Convex optimization for traffic assignment

Setup

To run the MATLAB implementation, see MATLAB setup

Python dependencies:

sudo easy_install pip
pip install -r requirements.txt

Also needed is scipy. If you find some missing dependencies, please add them here.

To build the simplex projection c extension:

  1. cd into python/c_extensions
  2. run python2 setup.py build_ext --inplace

Set up the pre-commit hook (which automatically runs the fast unit tests):

  ln -s ../../pre-commit.sh .git/hooks/pre-commit

CPLEX Setup

First download CPLEX for your OS from the IBM website (you'll need to sign up for an academic initiative account first).

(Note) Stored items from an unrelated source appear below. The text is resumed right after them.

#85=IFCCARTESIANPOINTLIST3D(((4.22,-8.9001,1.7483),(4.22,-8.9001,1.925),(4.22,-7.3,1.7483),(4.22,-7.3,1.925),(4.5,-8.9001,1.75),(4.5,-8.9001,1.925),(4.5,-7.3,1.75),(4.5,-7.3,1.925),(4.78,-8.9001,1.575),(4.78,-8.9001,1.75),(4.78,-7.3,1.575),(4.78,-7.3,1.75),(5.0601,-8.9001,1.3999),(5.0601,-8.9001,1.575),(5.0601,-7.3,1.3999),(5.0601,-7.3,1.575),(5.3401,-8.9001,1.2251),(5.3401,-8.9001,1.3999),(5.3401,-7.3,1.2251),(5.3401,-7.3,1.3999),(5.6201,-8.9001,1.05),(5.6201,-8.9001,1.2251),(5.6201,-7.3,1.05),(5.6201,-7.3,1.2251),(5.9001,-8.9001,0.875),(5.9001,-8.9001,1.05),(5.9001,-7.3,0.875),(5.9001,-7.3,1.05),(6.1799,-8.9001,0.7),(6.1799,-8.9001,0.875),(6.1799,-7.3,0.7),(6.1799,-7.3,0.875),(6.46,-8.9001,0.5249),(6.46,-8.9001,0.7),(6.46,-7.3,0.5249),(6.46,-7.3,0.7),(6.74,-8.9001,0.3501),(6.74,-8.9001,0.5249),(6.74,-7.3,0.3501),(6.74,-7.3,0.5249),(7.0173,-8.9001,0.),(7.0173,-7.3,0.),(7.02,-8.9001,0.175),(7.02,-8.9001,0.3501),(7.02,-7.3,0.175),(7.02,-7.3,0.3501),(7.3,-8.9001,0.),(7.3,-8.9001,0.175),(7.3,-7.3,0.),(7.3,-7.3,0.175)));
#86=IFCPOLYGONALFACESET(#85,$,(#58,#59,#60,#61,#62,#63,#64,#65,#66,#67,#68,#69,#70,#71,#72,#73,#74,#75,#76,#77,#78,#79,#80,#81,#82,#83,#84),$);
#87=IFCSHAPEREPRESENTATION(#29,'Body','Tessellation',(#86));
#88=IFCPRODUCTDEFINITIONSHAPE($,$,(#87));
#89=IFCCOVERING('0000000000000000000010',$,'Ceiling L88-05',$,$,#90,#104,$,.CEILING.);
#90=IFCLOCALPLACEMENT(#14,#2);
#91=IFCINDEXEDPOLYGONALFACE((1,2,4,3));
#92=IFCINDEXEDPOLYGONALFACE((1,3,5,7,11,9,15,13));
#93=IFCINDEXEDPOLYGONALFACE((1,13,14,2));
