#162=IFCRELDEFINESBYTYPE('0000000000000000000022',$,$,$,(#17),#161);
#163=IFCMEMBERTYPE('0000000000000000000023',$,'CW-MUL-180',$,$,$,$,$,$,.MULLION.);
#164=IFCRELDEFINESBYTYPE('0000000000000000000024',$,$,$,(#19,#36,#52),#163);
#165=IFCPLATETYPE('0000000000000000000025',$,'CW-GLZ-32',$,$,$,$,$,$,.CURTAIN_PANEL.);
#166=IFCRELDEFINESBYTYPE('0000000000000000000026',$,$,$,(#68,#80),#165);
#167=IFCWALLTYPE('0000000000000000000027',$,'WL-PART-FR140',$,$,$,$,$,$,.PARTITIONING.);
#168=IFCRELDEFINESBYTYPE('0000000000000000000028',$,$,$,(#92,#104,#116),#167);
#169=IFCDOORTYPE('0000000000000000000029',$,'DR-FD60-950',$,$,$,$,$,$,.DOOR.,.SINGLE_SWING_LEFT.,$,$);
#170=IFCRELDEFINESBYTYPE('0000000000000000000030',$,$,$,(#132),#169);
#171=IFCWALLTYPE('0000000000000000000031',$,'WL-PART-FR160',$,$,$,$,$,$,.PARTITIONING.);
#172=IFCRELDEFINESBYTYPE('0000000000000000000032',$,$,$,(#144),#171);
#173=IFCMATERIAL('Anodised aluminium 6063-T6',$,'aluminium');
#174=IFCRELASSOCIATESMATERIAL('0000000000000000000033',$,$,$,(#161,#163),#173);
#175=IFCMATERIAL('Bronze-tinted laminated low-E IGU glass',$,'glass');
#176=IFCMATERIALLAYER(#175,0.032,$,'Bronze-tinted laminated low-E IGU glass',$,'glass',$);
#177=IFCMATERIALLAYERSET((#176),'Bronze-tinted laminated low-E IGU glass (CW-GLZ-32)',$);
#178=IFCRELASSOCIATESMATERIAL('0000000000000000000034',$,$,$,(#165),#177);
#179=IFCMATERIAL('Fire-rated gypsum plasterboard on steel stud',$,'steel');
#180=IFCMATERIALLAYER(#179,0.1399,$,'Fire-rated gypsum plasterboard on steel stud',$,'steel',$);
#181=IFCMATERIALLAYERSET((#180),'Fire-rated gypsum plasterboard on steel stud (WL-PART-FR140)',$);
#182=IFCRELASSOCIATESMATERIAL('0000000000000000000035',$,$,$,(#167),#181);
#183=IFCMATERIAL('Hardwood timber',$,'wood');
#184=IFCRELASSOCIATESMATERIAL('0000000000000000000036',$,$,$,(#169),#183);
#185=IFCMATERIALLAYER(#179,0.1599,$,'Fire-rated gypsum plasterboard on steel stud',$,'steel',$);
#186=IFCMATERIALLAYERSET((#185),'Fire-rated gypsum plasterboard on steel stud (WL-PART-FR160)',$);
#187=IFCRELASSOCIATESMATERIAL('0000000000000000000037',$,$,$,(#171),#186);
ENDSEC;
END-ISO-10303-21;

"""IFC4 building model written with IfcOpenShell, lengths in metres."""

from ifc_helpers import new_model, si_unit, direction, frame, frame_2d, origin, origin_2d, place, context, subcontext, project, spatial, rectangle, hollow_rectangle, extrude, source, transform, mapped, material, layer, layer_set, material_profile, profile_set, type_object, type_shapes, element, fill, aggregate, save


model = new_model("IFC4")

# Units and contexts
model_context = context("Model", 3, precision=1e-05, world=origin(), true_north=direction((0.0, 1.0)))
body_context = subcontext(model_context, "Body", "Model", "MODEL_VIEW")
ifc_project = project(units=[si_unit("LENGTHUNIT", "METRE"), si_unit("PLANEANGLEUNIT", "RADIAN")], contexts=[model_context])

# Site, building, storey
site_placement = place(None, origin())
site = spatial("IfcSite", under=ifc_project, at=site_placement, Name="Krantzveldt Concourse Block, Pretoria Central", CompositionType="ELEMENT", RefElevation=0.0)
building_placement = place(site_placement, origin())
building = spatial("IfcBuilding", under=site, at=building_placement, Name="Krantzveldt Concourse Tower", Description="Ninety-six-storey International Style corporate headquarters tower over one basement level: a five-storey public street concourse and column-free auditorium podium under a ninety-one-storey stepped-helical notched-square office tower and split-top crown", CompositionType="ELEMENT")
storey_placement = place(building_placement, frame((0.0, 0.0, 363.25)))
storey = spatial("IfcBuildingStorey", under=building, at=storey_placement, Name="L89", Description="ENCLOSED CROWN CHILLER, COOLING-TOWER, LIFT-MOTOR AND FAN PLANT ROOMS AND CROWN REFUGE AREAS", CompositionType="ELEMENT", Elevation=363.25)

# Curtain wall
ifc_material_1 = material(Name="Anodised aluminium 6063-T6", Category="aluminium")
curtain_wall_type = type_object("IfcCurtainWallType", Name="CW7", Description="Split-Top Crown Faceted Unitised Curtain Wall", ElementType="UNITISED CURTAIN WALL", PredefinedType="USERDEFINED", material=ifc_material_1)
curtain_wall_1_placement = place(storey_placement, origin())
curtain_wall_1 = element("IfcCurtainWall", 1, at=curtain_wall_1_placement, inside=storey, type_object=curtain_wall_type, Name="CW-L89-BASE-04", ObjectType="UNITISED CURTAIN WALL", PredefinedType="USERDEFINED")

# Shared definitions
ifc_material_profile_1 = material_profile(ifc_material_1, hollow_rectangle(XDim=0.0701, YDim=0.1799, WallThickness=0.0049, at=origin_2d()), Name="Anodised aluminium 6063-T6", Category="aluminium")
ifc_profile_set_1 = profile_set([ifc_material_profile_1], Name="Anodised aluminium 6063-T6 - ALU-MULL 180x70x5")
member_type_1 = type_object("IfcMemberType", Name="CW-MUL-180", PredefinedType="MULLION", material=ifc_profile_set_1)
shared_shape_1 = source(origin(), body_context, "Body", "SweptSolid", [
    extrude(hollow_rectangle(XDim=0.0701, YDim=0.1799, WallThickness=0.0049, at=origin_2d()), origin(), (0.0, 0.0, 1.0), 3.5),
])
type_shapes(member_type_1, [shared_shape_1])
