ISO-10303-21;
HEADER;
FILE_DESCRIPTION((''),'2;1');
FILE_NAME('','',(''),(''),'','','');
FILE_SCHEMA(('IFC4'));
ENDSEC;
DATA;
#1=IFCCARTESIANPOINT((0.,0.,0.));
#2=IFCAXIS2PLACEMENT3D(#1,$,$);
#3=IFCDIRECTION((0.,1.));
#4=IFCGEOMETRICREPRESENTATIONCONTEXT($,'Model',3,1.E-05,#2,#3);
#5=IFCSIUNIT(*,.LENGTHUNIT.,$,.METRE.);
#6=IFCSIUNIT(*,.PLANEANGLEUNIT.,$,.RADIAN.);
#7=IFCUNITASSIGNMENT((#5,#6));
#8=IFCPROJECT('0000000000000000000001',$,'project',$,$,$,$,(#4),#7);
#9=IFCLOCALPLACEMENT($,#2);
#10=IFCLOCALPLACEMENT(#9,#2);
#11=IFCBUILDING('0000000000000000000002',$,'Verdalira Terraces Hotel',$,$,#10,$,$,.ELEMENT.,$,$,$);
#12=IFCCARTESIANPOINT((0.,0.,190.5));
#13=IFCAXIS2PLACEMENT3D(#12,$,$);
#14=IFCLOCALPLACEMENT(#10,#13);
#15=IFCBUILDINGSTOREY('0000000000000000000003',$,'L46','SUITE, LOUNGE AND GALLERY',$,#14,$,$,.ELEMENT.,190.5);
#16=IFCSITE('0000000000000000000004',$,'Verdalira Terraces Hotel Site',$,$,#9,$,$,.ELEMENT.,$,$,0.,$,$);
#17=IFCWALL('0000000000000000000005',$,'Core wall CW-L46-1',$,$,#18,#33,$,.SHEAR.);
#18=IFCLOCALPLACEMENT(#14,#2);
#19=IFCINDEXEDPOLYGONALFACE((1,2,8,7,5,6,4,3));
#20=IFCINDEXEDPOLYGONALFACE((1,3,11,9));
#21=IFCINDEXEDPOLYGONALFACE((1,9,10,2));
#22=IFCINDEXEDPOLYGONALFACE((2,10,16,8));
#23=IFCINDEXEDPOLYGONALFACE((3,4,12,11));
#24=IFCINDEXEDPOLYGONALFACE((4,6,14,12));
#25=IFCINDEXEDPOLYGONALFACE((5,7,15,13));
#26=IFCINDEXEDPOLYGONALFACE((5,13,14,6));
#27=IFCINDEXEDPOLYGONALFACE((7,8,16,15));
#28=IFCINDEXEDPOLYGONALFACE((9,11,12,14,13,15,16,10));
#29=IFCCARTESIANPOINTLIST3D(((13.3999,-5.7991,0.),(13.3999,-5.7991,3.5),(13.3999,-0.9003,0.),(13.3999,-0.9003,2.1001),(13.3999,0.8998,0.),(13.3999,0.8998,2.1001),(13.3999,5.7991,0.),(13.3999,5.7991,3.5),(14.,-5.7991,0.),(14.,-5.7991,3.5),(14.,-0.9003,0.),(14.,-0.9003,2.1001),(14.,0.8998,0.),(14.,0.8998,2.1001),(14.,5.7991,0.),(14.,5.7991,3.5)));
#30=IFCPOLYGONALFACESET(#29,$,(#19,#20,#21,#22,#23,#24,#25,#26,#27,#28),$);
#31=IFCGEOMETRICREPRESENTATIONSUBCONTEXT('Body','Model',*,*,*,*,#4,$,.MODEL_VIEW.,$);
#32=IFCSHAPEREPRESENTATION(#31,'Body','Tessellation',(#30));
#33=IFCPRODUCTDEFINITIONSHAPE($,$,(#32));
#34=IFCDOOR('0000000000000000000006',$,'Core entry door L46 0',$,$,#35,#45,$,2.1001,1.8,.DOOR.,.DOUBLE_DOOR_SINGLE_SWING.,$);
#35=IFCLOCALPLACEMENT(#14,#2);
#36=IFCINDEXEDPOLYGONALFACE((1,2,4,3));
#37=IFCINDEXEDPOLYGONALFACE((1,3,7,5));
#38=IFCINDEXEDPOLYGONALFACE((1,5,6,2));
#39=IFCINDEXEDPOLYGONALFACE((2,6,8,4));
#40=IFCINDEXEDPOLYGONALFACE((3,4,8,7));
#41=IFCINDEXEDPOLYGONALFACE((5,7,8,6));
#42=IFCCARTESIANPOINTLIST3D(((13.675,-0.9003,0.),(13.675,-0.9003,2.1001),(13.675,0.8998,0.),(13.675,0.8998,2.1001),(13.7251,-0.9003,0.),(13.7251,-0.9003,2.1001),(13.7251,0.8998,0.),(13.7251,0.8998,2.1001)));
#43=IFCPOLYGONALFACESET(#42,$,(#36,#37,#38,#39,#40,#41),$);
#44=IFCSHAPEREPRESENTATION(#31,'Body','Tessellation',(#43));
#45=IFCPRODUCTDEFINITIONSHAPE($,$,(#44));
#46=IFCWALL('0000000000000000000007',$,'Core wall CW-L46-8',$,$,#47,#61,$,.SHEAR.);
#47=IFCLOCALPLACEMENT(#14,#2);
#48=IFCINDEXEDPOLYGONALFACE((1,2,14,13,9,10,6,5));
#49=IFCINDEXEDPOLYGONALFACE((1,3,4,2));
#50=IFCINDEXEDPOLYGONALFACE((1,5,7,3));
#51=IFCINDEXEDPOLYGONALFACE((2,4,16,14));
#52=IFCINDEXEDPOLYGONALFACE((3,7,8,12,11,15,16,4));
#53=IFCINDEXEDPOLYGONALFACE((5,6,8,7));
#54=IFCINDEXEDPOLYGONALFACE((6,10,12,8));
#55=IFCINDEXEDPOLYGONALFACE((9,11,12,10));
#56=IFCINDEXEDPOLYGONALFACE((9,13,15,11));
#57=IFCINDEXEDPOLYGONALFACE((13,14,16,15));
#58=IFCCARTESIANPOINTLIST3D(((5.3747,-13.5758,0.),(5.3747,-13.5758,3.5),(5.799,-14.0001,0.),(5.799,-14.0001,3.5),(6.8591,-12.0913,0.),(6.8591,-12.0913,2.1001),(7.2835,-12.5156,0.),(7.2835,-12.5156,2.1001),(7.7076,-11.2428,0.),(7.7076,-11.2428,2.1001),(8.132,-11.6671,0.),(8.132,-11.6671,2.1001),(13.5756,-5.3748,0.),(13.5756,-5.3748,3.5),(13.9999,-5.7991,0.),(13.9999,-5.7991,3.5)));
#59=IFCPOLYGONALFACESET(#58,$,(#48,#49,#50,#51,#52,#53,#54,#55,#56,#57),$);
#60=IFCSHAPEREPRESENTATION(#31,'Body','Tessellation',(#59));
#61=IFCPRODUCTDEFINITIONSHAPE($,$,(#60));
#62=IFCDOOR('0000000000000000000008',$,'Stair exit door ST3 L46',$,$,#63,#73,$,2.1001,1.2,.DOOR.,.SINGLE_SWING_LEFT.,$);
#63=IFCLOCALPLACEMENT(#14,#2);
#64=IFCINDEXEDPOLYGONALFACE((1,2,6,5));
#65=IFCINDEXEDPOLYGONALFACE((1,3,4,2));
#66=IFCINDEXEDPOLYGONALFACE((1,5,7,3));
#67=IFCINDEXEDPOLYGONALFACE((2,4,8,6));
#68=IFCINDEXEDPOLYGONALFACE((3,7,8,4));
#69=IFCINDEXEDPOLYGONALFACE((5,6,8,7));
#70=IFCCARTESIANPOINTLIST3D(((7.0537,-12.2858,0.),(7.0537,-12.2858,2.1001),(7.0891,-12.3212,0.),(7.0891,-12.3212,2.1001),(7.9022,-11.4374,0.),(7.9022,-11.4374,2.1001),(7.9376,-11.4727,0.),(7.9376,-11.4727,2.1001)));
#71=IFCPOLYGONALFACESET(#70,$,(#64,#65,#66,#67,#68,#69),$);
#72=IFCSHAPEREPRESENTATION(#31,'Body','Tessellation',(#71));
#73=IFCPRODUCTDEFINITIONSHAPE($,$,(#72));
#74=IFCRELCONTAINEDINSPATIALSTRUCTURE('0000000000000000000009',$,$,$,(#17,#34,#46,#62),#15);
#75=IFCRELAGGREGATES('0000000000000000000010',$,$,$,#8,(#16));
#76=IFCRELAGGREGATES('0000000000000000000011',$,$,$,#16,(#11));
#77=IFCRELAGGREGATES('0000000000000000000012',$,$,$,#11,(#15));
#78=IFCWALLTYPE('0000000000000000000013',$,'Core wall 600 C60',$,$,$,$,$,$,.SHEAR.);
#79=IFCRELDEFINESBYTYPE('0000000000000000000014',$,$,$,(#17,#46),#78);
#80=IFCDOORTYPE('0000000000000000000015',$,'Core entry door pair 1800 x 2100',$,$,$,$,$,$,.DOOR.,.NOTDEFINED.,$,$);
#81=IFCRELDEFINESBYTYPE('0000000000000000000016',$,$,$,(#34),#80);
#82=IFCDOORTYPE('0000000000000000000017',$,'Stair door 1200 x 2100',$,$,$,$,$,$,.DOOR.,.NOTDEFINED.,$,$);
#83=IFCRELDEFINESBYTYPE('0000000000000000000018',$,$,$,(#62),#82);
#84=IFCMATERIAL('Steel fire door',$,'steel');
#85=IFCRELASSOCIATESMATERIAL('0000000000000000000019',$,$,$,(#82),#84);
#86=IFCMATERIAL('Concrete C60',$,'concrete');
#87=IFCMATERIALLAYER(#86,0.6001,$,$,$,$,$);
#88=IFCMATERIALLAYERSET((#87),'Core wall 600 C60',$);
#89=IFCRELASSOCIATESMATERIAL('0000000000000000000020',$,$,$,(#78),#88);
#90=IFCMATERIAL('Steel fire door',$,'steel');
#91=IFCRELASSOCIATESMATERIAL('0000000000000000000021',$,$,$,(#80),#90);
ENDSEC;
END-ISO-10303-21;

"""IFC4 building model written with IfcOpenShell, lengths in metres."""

from ifc_helpers import new_model, si_unit, direction, frame, frame_2d, origin, place, context, subcontext, project, spatial, rectangle, extrude, material, layer, layer_set, type_object, element, fill, save


model = new_model("IFC4")

# Units and contexts
model_context = context("Model", 3, precision=1e-05, world=origin(), true_north=direction((0.0, 1.0)))
body_context = subcontext(model_context, "Body", "Model", "MODEL_VIEW")
ifc_project = project(units=[si_unit("LENGTHUNIT", "METRE"), si_unit("PLANEANGLEUNIT", "RADIAN")], contexts=[model_context])

# Site, building, storey
site_placement = place(None, origin())
site = spatial("IfcSite", under=ifc_project, at=site_placement, Name="Verdalira Terraces Hotel Site", CompositionType="ELEMENT", RefElevation=0.0)
building_placement = place(site_placement, origin())
building = spatial("IfcBuilding", under=site, at=building_placement, Name="Verdalira Terraces Hotel", CompositionType="ELEMENT")
storey_placement = place(building_placement, frame((0.0, 0.0, 190.5)))
storey = spatial("IfcBuildingStorey", under=building, at=storey_placement, Name="L46", Description="SUITE, LOUNGE AND GALLERY", CompositionType="ELEMENT", Elevation=190.5)

# Shared definitions
ifc_material_1 = material(Name="Steel fire door", Category="steel")
door_type_1 = type_object("IfcDoorType", Name="Stair door 1200 x 2100", OperationType="NOTDEFINED", PredefinedType="DOOR", material=ifc_material_1)

# Walls, openings, doors
ifc_material_2 = material(Name="Concrete C60", Category="concrete")
ifc_layer_1 = layer(ifc_material_2, 0.6001)
ifc_layer_set_1 = layer_set([ifc_layer_1], Name="Core wall 600 C60")
wall_type_1 = type_object("IfcWallType", Name="Core wall 600 C60", PredefinedType="SHEAR", material=ifc_layer_set_1)
wall_1_placement = place(storey_placement, frame((13.7, -5.7991, 0.0), z_axis=(0.0, 0.0, 1.0), x_axis=(0.0, 1.0, 0.0)))
wall_1 = element("IfcWall", 1, at=wall_1_placement, inside=storey, type_object=wall_type_1, Name="Core wall CW-L46-1", PredefinedType="SHEAR", context=body_context, shape_type="SweptSolid", body=[
    extrude(rectangle(XDim=11.5981, YDim=0.6001, at=frame_2d((5.7991, 0.0))), origin(), (0.0, 0.0, 1.0), 3.5),
])
opening_1_placement = place(wall_1_placement, frame((4.8989, 0.0, 0.0)))
opening_1 = element("IfcOpeningElement", 2, at=opening_1_placement, cuts=wall_1, PredefinedType="OPENING", context=body_context, shape_type="SweptSolid", body=[
    extrude(rectangle(XDim=1.8, YDim=2.1001, at=frame_2d((0.8999, 1.05))), frame((0.0, 0.3101, 0.0), z_axis=(0.0, -1.0, 0.0), x_axis=(1.0, 0.0, 0.0)), (0.0, 0.0, 1.0), 0.6201),
])
ifc_material_3 = material(Name="Steel fire door", Category="steel")
door_type_2 = type_object("IfcDoorType", Name="Core entry door pair 1800 x 2100", OperationType="NOTDEFINED", PredefinedType="DOOR", material=ifc_material_3)
door_1_placement = place(opening_1_placement, origin())
door_1 = element("IfcDoor", 3, at=door_1_placement, inside=storey, type_object=door_type_2, Name="Core entry door L46 0", OperationType="DOUBLE_DOOR_SINGLE_SWING", OverallHeight=2.1001, OverallWidth=1.8, PredefinedType="DOOR", context=body_context, shape_type="SweptSolid", body=[
    extrude(rectangle(XDim=1.8, YDim=2.1001, at=frame_2d((0.8999, 1.05))), frame((0.0, 0.0249, 0.0), z_axis=(0.0, -1.0, 0.0), x_axis=(1.0, 0.0, 0.0)), (0.0, 0.0, 1.0), 0.05),
])
fill(opening_1, door_1)
wall_2_placement = place(storey_placement, frame((5.5869, -13.7878, 0.0), z_axis=(0.0, 0.0, 1.0), x_axis=(0.707107, 0.707107, 0.0)))
wall_2 = element("IfcWall", 4, at=wall_2_placement, inside=storey, type_object=wall_type_1, Name="Core wall CW-L46-8", PredefinedType="SHEAR", context=body_context, shape_type="SweptSolid", body=[
    extrude(rectangle(XDim=11.5979, YDim=0.6001, at=frame_2d((5.7988, 0.0))), origin(), (0.0, 0.0, 1.0), 3.5),
])
opening_2_placement = place(wall_2_placement, frame((2.0991, 0.0, 0.0)))
opening_2 = element("IfcOpeningElement", 5, at=opening_2_placement, cuts=wall_2, PredefinedType="OPENING", context=body_context, shape_type="SweptSolid", body=[
    extrude(rectangle(XDim=1.2, YDim=2.1001, at=frame_2d((0.6001, 1.05))), frame((0.0, 0.3101, 0.0), z_axis=(0.0, -1.0, 0.0), x_axis=(1.0, 0.0, 0.0)), (0.0, 0.0, 1.0), 0.6201),
])
door_2_placement = place(opening_2_placement, origin())
door_2 = element("IfcDoor", 6, at=door_2_placement, inside=storey, type_object=door_type_1, Name="Stair exit door ST3 L46", OperationType="SINGLE_SWING_LEFT", OverallHeight=2.1001, OverallWidth=1.2, PredefinedType="DOOR", context=body_context, shape_type="SweptSolid", body=[
    extrude(rectangle(XDim=1.2, YDim=2.1001, at=frame_2d((0.6001, 1.05))), frame((0.0, 0.0249, 0.0), z_axis=(0.0, -1.0, 0.0), x_axis=(1.0, 0.0, 0.0)), (0.0, 0.0, 1.0), 0.05),
])
fill(opening_2, door_2)

save(model, "model.ifc")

It would be a file named CPLEX_xxxxxxxxxx.bin.

To install, run (using sudo if necessary):

chmod +x CPLEX_xxxxxxxxxx.bin
./CPLEX_xxxxxxxxxx.bin

Note the installation directory, then to install the python bindings (using sudo if necessary, for OSX users you might need to run sudo -s first before these steps):

cd <installation-directory>/ILOG/CPLEX_Studio1261/cplex/python/2.7/x86-64_linux
python setup.py install

Install openopt (documentation here: http://openopt.org/cplex):

pip install openopt

To see an example on how to use CPLEX, look at tests/fast/test_cplex.py

Running via Python

Run the python implementation from the traffic-estimation/python directory.

To run the main test, see these examples:

cd ~/traffic-estimation/python
python main.py --file route_assignment_matrices_ntt.mat --log=DEBUG --solver LBFGS
python main.py --file route_assignment_matrices_ntt.mat --log=DEBUG --solver BB
python main.py --file route_assignment_matrices_ntt.mat --log=DEBUG --solver DORE

If the dataset you want to run is not in the data directory, symlink it in from the main dataset.

To run 3-fold cross validation test:

python CrossValidation.py --log=DEBUG

Running ISTTT

After generating the set of matrices run:

python ISTTT.py --log=DEBUG --solver BB

MATLAB setup

MATLAB dependencies (must be run every time MATLAB is started):

setup.m

c_extensions setup

To bind Cythonic extensions to Python

cd python/c_extensions
python setup.py build_ext --inplace

check if it created an executable 'c_extensions.so' and 'c_extensions.cpp'

Running via MATLAB

Run main.m.

References

Mark Schmidt's L1General, a set of Matlab routines for solving L1-regularization problems.